这些当官的,落井下石却是一套一套的,白肖身后的那些学子也坐不住了,竟然群起而声讨之。
白郢:“肃静,白肖你又有何话说?”
“柳杰才疏学浅,根本就没有真才实学,叫过来一问便知。”
“来人,带柳杰。”
柳杰的表现就有点差强人意了,比他那个巧舌如簧老子差远了,上来就哆嗦,“拜见大人。”
“柳杰,有人说你作弊,你可承认。”
“不认,文章都是我自己写的。”
柳庄早就知道白肖要状告他,事先又怎么会没有准备呢?他拿出了一张考卷。
“大人,这篇文章是小儿所写,也是小儿真正夺取解元之作,请大人品评。”
白郢可不像是白肖不学无术,一身学识不说博古通今也是世间难得,柳庄拿出的这份文章的确算是解元之作。

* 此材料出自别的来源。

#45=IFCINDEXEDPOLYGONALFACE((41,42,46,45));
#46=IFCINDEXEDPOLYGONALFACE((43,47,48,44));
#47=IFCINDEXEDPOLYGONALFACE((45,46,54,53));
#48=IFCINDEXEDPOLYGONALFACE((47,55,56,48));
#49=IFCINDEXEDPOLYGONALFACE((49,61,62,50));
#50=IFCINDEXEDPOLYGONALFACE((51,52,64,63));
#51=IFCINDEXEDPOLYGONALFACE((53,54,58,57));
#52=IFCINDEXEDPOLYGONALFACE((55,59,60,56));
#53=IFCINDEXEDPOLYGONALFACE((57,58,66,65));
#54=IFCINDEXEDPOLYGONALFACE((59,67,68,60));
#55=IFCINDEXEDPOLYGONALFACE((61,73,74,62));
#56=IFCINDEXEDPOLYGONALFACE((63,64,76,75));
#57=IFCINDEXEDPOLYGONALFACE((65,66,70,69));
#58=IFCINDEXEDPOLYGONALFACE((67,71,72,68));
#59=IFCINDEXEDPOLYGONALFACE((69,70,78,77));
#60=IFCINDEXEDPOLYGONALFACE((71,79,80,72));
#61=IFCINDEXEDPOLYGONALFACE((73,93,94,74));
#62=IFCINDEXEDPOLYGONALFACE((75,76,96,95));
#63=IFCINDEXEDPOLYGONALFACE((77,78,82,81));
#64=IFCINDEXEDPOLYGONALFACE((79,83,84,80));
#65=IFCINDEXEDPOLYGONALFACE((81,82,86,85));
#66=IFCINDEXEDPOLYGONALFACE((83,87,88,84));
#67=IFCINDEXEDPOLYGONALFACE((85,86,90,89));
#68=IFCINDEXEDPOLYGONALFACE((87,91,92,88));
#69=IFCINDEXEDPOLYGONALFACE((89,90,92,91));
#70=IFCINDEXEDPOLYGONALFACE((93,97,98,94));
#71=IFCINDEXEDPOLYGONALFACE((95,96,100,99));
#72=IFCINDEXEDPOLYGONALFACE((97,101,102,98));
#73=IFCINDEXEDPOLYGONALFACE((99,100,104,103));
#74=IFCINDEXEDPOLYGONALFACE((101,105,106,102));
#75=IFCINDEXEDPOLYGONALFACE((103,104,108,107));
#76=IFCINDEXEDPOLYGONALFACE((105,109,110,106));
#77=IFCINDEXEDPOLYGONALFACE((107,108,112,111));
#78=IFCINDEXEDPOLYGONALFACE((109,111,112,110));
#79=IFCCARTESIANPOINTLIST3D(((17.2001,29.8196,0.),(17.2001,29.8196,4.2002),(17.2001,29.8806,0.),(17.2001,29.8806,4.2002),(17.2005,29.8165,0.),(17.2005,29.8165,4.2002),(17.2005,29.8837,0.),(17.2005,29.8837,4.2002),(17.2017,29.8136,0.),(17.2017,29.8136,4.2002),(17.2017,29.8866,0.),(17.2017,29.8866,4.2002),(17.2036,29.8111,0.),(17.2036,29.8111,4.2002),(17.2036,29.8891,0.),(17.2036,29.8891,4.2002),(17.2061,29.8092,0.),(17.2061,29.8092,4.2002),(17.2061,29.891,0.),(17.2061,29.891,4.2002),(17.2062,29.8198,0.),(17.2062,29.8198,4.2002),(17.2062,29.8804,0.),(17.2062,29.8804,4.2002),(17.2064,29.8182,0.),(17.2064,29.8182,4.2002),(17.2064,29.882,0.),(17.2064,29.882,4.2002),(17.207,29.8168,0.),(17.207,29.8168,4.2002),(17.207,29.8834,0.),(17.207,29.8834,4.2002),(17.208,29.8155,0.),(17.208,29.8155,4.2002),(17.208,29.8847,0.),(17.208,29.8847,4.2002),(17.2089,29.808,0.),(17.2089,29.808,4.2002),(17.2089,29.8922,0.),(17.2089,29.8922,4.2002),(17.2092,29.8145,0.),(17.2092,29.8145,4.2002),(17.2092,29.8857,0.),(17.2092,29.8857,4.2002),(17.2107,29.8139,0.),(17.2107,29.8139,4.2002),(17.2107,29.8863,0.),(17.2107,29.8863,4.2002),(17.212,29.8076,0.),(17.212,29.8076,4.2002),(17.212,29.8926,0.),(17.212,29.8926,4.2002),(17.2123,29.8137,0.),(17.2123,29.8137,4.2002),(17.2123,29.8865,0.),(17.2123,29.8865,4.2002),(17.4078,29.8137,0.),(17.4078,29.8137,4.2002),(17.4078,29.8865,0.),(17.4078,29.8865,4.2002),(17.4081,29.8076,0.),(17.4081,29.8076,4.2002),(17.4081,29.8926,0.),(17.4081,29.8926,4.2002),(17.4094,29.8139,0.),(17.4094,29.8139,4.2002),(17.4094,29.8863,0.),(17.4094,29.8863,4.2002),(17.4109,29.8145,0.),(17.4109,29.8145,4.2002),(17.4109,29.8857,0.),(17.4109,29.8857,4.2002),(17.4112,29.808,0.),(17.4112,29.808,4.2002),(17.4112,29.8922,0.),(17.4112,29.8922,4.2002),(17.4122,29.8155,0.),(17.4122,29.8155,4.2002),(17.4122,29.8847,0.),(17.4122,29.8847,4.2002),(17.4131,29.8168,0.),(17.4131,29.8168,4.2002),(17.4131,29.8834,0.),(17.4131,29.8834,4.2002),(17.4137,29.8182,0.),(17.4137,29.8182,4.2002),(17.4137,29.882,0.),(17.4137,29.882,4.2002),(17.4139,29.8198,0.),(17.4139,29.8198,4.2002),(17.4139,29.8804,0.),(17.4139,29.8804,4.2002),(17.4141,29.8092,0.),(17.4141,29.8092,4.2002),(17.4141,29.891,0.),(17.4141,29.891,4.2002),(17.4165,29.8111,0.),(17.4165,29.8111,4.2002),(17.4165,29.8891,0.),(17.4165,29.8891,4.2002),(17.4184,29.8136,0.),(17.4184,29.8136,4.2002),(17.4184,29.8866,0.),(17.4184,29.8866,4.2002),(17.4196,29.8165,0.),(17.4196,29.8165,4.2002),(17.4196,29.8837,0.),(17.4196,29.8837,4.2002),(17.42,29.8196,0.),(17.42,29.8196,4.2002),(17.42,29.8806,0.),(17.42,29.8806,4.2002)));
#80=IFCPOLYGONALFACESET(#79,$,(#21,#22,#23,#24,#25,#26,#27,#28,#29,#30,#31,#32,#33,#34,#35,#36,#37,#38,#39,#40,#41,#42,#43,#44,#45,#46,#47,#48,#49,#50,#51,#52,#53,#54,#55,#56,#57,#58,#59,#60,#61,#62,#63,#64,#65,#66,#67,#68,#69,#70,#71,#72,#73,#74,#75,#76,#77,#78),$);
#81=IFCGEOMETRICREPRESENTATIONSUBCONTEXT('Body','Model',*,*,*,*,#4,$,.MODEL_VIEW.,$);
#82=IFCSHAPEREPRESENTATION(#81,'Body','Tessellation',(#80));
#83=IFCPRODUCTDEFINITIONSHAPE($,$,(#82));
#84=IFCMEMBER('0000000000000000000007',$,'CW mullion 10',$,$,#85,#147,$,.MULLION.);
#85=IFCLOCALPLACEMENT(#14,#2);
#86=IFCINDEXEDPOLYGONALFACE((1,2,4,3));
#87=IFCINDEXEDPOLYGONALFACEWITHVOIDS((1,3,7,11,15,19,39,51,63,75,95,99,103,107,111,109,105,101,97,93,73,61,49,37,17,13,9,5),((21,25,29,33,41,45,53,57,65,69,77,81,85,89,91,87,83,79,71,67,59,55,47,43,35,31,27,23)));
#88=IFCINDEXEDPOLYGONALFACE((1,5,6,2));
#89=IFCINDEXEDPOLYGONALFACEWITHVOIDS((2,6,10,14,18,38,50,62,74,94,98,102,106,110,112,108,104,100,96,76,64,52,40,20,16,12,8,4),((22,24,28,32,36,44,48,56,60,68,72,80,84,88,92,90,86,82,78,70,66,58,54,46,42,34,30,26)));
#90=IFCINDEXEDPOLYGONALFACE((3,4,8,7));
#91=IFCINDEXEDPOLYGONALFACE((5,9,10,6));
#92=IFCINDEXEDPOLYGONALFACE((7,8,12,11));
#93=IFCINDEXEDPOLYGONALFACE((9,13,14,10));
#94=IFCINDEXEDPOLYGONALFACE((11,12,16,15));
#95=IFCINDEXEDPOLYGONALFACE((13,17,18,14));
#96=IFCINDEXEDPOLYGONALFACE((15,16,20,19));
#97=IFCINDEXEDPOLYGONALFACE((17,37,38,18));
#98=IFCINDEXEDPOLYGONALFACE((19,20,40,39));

力证清晰,词藻华丽,更难得格局较大很是实用,在一众附庸风雅的文章之中实属难得。
“不错,是解元之才。”
白肖:“文章是解元之作,但却未必是柳杰所思。”
“谁说不是。”
柳杰也豁出去了张口就来,“今夫天,幽深玄远,穆然不可彻也;渺茫轻清,聩然莫可窥也……..”

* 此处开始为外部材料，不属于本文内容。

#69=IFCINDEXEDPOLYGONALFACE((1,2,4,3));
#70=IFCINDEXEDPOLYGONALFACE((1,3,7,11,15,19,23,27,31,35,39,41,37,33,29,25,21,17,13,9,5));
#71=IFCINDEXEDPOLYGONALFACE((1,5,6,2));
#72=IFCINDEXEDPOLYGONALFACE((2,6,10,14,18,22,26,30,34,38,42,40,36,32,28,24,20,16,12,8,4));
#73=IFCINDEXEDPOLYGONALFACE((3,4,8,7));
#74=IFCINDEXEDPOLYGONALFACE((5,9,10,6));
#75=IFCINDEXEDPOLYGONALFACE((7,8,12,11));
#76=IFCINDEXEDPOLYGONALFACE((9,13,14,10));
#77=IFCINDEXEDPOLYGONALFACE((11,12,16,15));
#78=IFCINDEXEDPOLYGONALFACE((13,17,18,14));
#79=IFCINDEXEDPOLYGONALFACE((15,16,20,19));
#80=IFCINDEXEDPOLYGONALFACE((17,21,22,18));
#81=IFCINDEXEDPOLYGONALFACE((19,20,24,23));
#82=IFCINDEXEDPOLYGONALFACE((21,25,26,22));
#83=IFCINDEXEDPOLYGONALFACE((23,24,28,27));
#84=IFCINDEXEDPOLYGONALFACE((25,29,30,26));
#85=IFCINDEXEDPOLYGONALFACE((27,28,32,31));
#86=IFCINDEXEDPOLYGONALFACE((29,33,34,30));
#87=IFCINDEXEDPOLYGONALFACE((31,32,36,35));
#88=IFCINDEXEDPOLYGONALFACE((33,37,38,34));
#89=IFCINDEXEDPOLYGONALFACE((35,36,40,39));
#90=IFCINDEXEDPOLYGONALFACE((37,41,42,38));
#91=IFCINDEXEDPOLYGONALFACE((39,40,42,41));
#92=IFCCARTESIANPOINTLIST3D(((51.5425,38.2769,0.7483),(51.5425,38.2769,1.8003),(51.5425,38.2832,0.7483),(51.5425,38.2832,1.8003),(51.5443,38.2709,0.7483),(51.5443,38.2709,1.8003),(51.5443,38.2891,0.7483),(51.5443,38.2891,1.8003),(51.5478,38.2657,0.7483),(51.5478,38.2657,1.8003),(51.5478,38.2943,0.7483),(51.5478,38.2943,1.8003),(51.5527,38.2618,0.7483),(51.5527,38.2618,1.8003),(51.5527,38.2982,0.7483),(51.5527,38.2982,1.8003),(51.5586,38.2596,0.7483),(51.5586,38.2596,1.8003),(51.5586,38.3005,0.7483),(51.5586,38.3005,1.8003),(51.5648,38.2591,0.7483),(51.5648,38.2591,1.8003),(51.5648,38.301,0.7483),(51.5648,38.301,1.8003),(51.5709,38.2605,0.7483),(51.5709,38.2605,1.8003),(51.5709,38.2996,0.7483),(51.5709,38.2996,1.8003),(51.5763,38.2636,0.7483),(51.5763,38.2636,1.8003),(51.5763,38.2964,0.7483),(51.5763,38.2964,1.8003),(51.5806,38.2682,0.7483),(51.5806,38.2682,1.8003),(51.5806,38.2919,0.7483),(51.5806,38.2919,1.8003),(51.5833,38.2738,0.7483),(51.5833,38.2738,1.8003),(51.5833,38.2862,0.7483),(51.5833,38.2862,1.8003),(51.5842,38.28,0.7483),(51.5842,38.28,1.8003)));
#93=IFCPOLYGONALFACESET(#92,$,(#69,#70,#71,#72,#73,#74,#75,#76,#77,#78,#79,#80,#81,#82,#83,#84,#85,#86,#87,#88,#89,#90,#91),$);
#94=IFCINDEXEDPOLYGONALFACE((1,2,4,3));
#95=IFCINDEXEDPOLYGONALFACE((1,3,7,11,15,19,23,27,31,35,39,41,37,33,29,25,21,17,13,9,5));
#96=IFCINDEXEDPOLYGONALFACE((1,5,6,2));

柳杰更是把全篇的文章都背了下来一字不拉,未免也做作了。
柳家父子这么做反而是弄巧成拙,写一遍就能背下来,那是过目不忘,可非常人所能做到的。
白肖:“厉害,柳公子好记性,不知道柳公子能否把论语全篇背下来呢?”
柳庄:“白肖你不要胡来,这跟我儿中举有什么关系?”
“的确没什么关系,但太守大人如此遮掩想必柳公子是背不下来了,论语孔圣人的言论,读书人的盛典,乡试必考之学,我身后的这些学子又有几个不会背的。”
“没有。”
一众学子群情激奋,连论语都背不下来的人又岂能中解元。
白郢:“柳杰,你能否背诵论语。”
柳杰直接瘫软在地上,一句话都不说,一个养尊处优的人,又怎么可能承担如此场面呢?
一直没有发声的礼部官员终于说话了,柳杰之事一旦立案,他必定牵扯其中,所以他必须据理力争。

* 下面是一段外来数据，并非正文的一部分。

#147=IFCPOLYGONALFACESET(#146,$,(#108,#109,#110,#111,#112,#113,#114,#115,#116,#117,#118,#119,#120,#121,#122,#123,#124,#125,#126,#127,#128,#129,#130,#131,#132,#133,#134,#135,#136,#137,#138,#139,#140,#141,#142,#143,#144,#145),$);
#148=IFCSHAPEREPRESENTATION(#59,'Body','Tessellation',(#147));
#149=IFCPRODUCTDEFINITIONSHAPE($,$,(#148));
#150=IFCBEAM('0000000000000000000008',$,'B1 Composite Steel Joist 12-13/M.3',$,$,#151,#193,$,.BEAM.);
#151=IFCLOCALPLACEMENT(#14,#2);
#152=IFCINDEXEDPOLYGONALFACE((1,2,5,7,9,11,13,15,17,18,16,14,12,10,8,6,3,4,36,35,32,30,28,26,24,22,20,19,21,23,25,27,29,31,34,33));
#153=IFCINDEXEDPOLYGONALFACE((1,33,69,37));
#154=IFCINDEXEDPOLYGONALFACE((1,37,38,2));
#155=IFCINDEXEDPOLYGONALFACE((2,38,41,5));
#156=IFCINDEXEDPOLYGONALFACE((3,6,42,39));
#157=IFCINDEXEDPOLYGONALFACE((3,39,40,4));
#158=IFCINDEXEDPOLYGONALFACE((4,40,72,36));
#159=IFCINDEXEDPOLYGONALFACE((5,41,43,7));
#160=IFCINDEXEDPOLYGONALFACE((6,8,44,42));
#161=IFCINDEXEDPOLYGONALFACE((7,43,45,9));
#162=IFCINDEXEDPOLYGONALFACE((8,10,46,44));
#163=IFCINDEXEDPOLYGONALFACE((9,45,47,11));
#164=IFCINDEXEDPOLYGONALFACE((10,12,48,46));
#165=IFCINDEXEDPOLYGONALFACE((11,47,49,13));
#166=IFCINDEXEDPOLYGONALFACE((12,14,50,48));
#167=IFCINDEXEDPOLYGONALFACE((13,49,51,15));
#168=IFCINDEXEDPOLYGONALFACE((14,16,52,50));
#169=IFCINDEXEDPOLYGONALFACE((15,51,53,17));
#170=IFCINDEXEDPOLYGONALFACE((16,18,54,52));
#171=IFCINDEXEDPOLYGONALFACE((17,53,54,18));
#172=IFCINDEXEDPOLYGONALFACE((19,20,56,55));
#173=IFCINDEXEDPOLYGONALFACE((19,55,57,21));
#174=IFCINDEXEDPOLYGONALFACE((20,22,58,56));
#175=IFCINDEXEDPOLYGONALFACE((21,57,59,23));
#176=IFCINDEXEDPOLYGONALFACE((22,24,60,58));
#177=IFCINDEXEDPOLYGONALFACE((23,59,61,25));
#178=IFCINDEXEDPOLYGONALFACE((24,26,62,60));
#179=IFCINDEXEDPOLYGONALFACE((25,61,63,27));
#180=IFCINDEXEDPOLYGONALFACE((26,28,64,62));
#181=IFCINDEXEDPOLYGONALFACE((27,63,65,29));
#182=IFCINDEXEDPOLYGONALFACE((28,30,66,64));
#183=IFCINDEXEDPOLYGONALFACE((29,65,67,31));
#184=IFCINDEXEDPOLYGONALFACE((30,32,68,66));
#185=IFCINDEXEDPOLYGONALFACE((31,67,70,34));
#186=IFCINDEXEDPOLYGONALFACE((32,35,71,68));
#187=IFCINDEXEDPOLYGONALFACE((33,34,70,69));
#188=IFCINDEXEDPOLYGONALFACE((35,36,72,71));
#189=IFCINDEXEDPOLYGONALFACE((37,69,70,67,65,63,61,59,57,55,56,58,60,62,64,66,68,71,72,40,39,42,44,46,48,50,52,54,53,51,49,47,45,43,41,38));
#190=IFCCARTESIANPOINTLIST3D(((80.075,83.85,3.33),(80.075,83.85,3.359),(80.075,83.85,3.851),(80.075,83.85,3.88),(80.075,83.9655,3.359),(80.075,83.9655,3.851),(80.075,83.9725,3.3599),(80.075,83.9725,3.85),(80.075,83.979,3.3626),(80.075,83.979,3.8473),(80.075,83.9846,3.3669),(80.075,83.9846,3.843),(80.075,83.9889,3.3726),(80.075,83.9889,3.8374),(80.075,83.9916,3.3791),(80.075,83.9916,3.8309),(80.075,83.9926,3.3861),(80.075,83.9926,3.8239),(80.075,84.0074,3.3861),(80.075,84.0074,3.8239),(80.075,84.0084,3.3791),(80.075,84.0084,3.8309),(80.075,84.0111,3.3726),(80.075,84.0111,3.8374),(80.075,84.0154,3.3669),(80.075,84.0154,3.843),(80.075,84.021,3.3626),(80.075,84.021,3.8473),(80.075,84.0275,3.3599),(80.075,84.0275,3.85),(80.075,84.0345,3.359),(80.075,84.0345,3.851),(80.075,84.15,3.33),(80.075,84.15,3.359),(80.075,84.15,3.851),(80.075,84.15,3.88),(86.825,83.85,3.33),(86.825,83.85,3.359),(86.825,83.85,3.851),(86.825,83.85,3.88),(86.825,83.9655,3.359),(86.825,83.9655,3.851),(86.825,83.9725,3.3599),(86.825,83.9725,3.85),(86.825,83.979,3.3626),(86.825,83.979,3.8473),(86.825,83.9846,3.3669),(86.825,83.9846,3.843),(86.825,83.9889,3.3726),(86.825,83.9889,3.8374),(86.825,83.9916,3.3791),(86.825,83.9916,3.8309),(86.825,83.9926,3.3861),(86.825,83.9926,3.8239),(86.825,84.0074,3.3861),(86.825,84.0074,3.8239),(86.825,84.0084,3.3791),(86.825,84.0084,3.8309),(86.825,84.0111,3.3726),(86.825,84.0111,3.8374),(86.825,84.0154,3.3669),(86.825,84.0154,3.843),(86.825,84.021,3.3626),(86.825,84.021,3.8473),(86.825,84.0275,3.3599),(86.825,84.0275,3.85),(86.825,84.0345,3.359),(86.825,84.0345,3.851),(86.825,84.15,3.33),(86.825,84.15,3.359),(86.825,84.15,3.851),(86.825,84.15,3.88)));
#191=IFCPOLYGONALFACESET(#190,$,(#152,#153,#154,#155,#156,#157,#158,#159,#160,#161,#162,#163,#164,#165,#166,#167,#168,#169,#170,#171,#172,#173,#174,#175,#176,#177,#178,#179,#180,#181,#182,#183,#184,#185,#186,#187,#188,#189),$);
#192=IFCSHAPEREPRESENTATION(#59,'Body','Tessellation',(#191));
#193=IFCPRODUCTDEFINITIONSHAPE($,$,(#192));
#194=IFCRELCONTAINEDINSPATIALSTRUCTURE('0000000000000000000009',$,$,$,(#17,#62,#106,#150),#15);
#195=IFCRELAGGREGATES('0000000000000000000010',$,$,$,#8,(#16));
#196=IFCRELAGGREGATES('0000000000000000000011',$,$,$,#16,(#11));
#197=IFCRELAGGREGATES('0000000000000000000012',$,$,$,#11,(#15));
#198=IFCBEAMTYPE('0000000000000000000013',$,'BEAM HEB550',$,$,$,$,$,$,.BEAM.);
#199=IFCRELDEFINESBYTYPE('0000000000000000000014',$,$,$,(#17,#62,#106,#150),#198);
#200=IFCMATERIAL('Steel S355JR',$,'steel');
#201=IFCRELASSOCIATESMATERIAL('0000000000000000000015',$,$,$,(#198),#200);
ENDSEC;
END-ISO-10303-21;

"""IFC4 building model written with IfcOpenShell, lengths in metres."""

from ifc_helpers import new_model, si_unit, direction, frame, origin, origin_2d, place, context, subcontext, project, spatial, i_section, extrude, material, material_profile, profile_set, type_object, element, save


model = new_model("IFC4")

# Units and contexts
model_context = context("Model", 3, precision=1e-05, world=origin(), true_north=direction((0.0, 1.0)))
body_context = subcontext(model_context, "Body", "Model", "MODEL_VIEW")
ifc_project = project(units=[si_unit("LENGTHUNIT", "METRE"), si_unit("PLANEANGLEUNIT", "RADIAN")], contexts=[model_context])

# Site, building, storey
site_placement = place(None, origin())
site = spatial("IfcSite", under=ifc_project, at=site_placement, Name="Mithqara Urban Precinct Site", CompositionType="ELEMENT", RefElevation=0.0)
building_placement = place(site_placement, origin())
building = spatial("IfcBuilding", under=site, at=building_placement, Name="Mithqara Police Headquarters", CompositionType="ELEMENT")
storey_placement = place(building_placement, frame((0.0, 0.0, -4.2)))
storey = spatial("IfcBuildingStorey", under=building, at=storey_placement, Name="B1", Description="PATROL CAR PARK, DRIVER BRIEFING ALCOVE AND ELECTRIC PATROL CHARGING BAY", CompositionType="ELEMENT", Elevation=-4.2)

“文章本天成,妙手偶得之,不会背论语可不能表示柳公子写不出这样的文章。”
厉害的人都是晚出手的,三言两语就有化解危局之能。
白肖:“不知这位大人是…?”
“礼部员外郎,曹茂。”
员外郎不过是一个五品官员而已,但是以曹茂的年纪能坐上这个位置,的确是来头不小。
“原来是曹大人,大人既然是礼部官员,必然是学识渊博,你说的在理,不会背诵论语的人未必不会写文章,但不会背论语的人又怎么过了论语那一科。”
看这么多人为自己遮掩,柳杰也恢复了一点底气,“会试考的那些,正好我会。”
乡试中的论语一科,自然考的不是背诵论语,而是考校对论语的解读。
半部论语治天下,一万人对论语有一万种解读的方法。